The next day, I met another friend of Vini's, Alexandre, and we went to Barra, to the beach where we just chilled all day. Then we took the bus back to Taquara, which took a good hour and a half, easily. From there, I went online to check on my flight, which was leaving the next morning. That was when I noticed a little attention symbol on my reservation. This I tried to understand, but got translated for me anyway. The note stated that my reservation did not go through. So, we called the airline and we called the site which I purchased the ticket and they regretted to inform me that my reservation was not made, but that I could still fly on the same flight for R$500. I originally paid R$100. So, that's that. I went back to Vila Valqueire and slept.

And slept. I didn't wake up until noon, when the phone rang. Anna's ex-girlfriend in a panic. My entertainment for the day: brazilian lesbian drama. The problem was I really didn't understand it fully, so I was just awkwardly there, with nothing to do (It's VV afterall). I went for a walk in the 30 degree winter chill and sent my resumé and cover letter to WiseUp, another English school in Rio. WiseUp actually hires in October, so I may or may not end up getting a job sooner, if I get offered anything. I would prefer to travel still. I have so many ideas about these next few months! That evening, I waited around for a call from Alexandre, who was supposed to let me know about going to a futebol game. I finally called him and he told me that we were late and that I would have to bus to the stadium by myself if I was going to make it. I debated doing this because it was already dark and I needed to bus to Maracanã, close to downtown, by myself. Since my day was so uneventful, the thought of an uneventful night sitting around Vini's apartment was awful. So I ran for the bus, and made it in time for the game. Well, for the VIP passes which were going to get us in for free. One month in Brazil, and I'm at a Carioca futebol game in the stadium which will host the next World Cup Final. And from inside the stadium, I saw the Christ for the first time, the day I was supposed to leave Rio. Some tourist I am... The game turned out to be uneventful, with a final score of 0-0 for the Flamengos (one of the teams from Rio) and the Atléticos (from Minas Gerias). That night, it took us so long to get back, that I was too scared to bus by myself to Vila Valqueire (Vini was not with us), so I spent the night in Taquara. Staying in Rio: I know the typical Copacabana, Ipanema and Lapa, but most of all, I know Vila Valqueire and Taquara. WTF.
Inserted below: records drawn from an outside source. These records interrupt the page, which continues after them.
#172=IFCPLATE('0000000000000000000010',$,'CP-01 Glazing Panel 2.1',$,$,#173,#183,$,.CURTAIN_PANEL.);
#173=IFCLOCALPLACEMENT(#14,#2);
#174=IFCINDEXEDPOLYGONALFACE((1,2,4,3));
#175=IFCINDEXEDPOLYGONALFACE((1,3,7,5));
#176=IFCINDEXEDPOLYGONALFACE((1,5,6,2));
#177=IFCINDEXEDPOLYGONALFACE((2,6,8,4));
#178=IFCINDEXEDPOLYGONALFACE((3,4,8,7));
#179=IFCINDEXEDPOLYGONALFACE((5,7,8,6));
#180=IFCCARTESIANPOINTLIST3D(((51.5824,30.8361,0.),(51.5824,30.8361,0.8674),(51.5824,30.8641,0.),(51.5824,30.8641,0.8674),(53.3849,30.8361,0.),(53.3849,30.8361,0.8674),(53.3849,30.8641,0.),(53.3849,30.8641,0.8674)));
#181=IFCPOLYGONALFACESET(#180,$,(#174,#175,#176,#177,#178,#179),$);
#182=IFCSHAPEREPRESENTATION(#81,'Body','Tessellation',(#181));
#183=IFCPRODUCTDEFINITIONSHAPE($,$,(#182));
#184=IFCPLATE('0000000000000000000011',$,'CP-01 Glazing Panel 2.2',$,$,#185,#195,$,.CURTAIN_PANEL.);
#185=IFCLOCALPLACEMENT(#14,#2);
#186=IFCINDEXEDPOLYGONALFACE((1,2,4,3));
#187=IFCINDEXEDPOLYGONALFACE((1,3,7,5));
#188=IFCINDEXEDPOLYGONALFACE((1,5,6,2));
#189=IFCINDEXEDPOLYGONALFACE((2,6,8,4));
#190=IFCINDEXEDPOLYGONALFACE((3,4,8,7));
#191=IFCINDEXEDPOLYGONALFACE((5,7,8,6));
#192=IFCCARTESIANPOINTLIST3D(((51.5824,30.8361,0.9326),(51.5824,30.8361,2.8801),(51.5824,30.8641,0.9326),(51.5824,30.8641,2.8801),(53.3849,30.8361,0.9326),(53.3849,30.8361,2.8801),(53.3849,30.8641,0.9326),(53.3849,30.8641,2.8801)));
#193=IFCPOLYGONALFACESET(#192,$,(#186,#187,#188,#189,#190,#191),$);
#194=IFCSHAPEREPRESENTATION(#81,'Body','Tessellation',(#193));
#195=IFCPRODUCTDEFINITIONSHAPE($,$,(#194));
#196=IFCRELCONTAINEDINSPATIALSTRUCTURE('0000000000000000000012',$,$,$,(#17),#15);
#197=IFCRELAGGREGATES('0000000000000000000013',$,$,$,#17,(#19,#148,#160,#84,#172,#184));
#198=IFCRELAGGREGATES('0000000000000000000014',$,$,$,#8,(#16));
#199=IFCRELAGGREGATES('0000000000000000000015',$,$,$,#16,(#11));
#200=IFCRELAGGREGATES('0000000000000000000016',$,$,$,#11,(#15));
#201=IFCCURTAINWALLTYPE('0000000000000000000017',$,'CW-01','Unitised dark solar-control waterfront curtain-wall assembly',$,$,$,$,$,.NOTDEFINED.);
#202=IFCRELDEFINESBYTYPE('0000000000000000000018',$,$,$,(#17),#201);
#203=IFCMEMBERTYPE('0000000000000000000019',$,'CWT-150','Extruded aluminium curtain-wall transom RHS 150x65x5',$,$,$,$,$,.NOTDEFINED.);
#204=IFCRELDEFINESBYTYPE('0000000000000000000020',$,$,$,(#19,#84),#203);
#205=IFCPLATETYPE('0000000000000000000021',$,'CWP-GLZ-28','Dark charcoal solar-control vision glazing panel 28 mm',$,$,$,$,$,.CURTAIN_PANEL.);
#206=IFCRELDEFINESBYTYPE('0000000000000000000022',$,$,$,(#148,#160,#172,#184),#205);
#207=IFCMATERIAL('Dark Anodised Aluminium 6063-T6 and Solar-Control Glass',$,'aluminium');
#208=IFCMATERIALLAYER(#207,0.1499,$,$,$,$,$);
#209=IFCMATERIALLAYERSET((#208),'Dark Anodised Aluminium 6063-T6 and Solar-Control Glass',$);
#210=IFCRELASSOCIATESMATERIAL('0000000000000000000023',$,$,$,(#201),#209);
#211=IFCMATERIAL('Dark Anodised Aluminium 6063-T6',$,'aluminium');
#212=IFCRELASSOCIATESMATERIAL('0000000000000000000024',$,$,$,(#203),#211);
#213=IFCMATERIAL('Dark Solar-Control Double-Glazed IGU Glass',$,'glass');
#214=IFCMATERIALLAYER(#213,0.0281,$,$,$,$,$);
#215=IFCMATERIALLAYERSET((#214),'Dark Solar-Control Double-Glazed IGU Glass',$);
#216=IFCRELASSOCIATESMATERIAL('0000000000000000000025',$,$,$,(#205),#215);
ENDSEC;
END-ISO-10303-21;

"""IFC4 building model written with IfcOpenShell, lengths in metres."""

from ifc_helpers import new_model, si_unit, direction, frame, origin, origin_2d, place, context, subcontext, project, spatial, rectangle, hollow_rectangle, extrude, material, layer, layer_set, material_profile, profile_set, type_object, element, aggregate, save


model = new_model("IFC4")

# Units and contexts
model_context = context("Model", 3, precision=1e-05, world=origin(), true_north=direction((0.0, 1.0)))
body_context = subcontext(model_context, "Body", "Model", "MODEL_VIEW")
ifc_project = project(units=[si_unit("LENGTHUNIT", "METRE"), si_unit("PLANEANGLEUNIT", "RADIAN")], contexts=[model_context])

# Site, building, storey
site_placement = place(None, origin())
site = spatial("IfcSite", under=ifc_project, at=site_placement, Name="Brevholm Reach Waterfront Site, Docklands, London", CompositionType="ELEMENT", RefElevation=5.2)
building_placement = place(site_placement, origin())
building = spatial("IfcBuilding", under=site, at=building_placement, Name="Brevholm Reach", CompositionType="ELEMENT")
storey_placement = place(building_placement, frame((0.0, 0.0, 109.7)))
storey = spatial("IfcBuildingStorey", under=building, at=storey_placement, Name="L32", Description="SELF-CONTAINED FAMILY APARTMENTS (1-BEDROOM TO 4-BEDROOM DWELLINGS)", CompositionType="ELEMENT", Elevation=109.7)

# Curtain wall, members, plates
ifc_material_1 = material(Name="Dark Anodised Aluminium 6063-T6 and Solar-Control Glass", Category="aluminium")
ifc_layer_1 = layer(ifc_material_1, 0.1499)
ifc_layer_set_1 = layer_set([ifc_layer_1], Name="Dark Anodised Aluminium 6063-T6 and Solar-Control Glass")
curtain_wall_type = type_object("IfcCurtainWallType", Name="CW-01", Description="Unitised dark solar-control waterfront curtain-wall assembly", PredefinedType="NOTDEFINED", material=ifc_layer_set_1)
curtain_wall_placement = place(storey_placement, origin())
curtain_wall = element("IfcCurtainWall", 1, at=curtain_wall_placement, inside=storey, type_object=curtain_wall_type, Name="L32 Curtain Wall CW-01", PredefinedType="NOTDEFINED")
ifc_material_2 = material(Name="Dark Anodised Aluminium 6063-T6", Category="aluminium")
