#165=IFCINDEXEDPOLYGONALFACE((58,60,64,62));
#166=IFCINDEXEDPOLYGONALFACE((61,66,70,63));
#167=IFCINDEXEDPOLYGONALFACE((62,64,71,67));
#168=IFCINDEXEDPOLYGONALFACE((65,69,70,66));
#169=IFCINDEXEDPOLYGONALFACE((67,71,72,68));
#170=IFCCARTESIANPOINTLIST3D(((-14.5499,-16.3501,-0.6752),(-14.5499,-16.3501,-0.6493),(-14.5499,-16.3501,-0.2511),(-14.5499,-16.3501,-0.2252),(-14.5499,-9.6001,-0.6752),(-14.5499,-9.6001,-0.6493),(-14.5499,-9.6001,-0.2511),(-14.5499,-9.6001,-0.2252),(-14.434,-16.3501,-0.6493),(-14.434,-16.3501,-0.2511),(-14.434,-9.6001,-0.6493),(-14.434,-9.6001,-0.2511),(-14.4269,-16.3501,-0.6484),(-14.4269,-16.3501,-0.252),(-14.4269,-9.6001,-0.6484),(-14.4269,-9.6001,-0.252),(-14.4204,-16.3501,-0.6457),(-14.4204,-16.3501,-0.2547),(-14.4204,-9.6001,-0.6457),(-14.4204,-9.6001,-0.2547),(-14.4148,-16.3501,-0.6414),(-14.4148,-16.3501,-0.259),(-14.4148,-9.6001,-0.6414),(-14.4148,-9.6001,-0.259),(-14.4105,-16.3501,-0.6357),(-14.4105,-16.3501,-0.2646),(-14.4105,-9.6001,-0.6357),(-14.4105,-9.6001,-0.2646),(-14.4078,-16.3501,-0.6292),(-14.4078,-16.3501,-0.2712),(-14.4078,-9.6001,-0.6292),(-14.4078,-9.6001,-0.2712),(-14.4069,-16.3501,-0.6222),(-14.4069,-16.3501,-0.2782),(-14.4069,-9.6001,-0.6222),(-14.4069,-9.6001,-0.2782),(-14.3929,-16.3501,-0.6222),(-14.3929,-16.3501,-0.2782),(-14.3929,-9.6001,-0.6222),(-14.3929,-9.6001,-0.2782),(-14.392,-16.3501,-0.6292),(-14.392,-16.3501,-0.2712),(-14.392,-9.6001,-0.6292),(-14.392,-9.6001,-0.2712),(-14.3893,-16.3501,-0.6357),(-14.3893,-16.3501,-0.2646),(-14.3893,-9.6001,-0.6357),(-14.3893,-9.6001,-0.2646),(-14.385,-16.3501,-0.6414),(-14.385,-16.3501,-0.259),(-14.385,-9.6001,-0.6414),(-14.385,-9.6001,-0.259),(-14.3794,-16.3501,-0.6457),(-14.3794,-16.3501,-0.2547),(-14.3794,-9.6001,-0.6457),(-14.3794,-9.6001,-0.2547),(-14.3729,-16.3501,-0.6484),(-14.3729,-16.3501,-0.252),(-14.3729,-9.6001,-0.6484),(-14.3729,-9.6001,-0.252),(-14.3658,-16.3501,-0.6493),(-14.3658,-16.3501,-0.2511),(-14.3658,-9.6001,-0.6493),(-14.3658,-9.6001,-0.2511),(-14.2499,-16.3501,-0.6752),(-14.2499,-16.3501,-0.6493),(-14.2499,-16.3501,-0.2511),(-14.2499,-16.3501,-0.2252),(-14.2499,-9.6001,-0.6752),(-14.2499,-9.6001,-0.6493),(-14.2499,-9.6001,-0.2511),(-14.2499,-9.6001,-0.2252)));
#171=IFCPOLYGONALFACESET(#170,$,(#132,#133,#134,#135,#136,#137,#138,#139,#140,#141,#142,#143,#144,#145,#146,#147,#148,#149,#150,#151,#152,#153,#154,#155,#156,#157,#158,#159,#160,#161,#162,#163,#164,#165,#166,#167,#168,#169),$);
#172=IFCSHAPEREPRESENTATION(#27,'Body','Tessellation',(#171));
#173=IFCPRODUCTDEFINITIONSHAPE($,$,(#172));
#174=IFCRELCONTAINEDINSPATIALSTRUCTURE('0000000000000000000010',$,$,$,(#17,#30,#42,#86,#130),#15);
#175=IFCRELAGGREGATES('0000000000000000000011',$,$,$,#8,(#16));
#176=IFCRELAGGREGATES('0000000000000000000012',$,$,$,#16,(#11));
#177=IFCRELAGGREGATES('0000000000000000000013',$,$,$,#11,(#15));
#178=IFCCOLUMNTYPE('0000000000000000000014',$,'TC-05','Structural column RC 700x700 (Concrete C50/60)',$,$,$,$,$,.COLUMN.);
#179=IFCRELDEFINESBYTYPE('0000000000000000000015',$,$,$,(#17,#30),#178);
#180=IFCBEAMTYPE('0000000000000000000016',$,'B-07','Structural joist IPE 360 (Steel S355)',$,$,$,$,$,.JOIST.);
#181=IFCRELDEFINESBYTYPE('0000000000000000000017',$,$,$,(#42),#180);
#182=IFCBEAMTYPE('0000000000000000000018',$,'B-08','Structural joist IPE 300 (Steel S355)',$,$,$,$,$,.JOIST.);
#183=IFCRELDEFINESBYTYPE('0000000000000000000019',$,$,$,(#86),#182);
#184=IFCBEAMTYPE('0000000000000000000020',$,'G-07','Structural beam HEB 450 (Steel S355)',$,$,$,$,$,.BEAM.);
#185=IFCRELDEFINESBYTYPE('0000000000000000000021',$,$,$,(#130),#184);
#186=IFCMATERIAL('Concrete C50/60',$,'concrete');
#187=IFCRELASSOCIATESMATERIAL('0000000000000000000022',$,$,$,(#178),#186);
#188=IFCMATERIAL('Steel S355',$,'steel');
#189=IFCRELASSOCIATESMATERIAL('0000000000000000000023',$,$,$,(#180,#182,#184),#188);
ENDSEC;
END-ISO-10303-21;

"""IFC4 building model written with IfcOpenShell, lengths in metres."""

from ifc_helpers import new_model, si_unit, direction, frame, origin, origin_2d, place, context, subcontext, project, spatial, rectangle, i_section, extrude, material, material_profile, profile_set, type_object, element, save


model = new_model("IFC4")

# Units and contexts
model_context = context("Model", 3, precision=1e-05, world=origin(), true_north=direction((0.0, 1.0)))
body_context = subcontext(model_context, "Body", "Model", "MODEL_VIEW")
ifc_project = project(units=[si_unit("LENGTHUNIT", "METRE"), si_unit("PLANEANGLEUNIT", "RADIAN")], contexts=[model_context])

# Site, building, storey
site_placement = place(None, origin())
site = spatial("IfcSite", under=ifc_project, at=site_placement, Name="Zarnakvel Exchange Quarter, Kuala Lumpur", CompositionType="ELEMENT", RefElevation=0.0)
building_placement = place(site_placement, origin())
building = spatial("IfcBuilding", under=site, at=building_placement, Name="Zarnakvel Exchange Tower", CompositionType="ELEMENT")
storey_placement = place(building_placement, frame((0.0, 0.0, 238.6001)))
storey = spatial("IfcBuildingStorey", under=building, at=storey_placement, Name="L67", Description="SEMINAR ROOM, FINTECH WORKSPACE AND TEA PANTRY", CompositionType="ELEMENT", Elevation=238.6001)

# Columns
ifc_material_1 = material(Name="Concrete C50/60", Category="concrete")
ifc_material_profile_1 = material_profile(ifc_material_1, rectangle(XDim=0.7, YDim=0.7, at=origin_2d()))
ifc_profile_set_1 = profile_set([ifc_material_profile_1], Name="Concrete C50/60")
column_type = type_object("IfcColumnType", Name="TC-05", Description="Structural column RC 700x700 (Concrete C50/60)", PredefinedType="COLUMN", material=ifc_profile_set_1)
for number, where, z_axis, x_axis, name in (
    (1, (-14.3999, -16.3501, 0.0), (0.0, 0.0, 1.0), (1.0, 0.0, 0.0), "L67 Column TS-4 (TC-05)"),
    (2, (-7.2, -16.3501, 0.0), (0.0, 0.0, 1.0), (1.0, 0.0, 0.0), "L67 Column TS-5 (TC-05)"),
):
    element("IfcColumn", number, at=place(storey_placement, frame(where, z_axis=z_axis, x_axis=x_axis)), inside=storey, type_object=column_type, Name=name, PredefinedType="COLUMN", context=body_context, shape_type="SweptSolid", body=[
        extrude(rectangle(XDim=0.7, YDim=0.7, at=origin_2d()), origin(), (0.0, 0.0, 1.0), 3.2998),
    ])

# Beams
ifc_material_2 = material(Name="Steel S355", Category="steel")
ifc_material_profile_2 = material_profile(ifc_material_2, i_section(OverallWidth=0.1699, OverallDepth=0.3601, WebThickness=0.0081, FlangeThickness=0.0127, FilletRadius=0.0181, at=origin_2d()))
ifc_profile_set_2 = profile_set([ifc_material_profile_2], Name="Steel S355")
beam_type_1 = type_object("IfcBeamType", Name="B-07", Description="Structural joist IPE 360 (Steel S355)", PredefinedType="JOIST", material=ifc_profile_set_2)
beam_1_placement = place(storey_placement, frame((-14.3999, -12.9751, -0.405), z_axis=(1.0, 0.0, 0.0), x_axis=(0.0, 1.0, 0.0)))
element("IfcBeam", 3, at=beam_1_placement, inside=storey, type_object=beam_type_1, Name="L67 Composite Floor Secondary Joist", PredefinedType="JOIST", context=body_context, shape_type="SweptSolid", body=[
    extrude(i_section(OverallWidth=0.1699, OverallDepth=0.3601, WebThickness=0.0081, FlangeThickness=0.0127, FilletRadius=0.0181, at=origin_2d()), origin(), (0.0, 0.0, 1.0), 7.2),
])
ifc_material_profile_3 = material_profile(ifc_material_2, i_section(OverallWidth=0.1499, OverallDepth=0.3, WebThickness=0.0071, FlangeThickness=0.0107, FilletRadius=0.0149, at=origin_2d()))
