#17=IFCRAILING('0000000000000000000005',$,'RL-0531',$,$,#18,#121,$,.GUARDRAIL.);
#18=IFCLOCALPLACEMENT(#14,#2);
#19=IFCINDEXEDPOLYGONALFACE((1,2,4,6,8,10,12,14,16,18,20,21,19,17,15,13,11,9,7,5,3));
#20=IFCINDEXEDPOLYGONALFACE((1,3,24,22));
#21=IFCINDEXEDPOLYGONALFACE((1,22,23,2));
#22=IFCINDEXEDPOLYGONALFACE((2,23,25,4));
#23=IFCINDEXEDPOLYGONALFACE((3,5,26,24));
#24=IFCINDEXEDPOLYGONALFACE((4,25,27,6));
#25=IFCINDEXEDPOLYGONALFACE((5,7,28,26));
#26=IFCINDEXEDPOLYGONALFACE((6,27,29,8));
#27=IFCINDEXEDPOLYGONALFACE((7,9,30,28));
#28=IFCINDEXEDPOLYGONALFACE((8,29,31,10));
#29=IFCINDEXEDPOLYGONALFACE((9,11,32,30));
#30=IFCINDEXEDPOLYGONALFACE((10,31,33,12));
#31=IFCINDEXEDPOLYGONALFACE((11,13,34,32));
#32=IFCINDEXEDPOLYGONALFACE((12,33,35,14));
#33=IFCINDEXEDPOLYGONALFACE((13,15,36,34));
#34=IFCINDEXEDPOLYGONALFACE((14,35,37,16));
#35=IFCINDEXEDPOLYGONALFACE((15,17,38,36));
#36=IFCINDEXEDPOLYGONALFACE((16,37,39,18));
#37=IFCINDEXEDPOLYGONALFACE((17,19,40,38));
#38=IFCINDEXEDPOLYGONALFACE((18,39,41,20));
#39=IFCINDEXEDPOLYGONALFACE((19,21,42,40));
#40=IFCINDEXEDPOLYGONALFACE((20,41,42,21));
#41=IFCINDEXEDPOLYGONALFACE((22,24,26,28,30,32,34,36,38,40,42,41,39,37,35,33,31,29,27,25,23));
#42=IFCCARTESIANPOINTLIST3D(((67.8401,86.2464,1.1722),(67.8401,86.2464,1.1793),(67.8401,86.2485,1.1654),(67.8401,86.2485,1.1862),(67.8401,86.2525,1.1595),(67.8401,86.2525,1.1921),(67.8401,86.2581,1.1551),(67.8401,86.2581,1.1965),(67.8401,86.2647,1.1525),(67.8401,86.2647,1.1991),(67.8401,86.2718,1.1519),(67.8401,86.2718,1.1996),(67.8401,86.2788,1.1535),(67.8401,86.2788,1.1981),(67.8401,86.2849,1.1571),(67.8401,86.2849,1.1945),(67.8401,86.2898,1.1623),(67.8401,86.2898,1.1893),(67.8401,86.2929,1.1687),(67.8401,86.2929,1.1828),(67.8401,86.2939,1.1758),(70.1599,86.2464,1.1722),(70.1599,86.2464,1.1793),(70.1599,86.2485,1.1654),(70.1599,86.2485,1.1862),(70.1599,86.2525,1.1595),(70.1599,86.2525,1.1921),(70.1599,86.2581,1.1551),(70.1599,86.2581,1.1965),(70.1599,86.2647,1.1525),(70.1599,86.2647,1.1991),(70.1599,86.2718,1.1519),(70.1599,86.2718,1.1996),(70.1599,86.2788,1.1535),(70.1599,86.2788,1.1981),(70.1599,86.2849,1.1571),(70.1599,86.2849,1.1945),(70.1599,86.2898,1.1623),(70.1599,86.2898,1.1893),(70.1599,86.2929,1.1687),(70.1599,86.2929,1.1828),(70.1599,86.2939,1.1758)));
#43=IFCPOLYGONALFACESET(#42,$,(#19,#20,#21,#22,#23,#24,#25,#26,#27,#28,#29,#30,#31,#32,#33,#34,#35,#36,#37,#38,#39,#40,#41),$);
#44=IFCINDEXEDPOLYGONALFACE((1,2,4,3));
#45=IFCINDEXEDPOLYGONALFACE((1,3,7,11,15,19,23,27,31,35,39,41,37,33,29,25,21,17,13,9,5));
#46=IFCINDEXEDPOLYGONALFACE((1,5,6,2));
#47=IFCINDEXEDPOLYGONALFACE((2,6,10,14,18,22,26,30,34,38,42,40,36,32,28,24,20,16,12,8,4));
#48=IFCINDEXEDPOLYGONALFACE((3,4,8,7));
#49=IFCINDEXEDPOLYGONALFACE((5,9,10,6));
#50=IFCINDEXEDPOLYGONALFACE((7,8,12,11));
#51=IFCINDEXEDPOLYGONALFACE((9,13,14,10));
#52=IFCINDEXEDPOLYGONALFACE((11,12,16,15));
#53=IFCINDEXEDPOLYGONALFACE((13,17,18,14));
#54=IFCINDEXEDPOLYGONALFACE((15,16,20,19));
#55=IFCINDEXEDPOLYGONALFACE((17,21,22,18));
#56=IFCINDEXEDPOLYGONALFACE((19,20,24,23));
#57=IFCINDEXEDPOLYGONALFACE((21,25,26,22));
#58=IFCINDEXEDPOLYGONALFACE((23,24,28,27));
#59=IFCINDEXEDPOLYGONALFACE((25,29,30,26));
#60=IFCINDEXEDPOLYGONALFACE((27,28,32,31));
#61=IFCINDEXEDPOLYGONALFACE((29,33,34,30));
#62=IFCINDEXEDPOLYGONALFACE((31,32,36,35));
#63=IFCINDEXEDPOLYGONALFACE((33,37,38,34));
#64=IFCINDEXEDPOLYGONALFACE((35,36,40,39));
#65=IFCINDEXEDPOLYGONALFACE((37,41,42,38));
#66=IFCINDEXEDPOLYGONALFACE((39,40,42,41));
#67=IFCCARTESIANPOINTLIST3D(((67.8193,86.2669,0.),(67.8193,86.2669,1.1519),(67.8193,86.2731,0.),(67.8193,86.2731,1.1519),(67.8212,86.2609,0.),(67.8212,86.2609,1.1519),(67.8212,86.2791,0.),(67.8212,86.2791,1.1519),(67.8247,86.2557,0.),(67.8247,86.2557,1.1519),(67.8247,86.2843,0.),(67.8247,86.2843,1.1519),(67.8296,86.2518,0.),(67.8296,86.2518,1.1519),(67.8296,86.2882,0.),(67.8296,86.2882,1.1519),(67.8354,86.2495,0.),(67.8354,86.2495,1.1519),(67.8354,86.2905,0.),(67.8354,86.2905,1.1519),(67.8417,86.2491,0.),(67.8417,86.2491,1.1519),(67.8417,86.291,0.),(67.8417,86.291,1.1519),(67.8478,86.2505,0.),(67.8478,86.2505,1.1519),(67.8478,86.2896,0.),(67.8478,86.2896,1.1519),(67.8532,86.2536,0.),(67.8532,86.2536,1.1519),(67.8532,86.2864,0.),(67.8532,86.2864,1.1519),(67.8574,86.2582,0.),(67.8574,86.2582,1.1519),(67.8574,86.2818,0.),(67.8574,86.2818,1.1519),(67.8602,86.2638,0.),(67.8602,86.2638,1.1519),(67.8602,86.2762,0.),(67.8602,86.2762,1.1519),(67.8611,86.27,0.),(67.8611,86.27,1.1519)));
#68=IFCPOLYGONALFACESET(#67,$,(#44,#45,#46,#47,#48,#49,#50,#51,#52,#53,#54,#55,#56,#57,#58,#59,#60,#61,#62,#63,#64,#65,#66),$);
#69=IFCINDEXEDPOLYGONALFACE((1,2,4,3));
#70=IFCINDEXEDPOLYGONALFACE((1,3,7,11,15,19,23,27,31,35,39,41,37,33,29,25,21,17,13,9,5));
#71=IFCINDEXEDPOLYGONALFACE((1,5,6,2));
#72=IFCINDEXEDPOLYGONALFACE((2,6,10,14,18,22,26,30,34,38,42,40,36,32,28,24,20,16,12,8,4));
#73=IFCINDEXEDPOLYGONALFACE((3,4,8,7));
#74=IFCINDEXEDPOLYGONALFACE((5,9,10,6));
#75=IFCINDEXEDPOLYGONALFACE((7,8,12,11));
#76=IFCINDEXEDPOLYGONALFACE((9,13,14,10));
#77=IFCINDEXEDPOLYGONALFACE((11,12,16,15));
The next day, yesterday actually, I got up bright at early (by this I mean, I woke up at 6am, to make sure I would make it to Vini's before he left for work, and slept for 10 minutes) and headed to Recreio beach. I ended up going with a guy that I met through Alexandre, the guy who snuck us into Maracanã for the game, Fabio. Now Fabio doesn't speak or understand a word of English, so it was a fantastic day for me to practice my portuguese. By the end of the day, my comprehension was much better and I was able to exchange ideas with him fairly easily. I slept all day in the sun, getting a nasty burn on my ass (I guess I forgot how small these bottoms are). Then, we headed back and I found my way back to Vini's where I took a nap and then got ready to go to Lapa. Friday night in Lapa is very exciting, people all over the streets, drinking and smoking. As I walked, Fabio pulled my purse around so it would be in front of me, like a good Brazilian. Always a good idea, but it was too late. I looked inside my purse and my wallet was gone. Surprise surprise! I lost R$40, CAD$15 and USD$4, so not too terrible. But my mastercard was in there, so I had to cancel it. Luckily, no nasty charges. Also lucky that it was a pick pocket; there was no knife, no threats, and I was safe. Still a bummer, though. That was within the first five minutes of our night in Lapa, so I didn't let it bother me. Alexandre and Fabio payed for everything anyways :P We stayed until about 4am or so and headed to the bus station, where we waited for an hour and a half before our bus finally arrived. I slept on the bus to Taquara, and by the time we got there, it was light out (and remember that it is winter here).

Today, I took transit out to Copacabana and purchased my flight to Salvador. This one is definately valid, now, so I will be leaving on Wednesday, September 1st at 7am.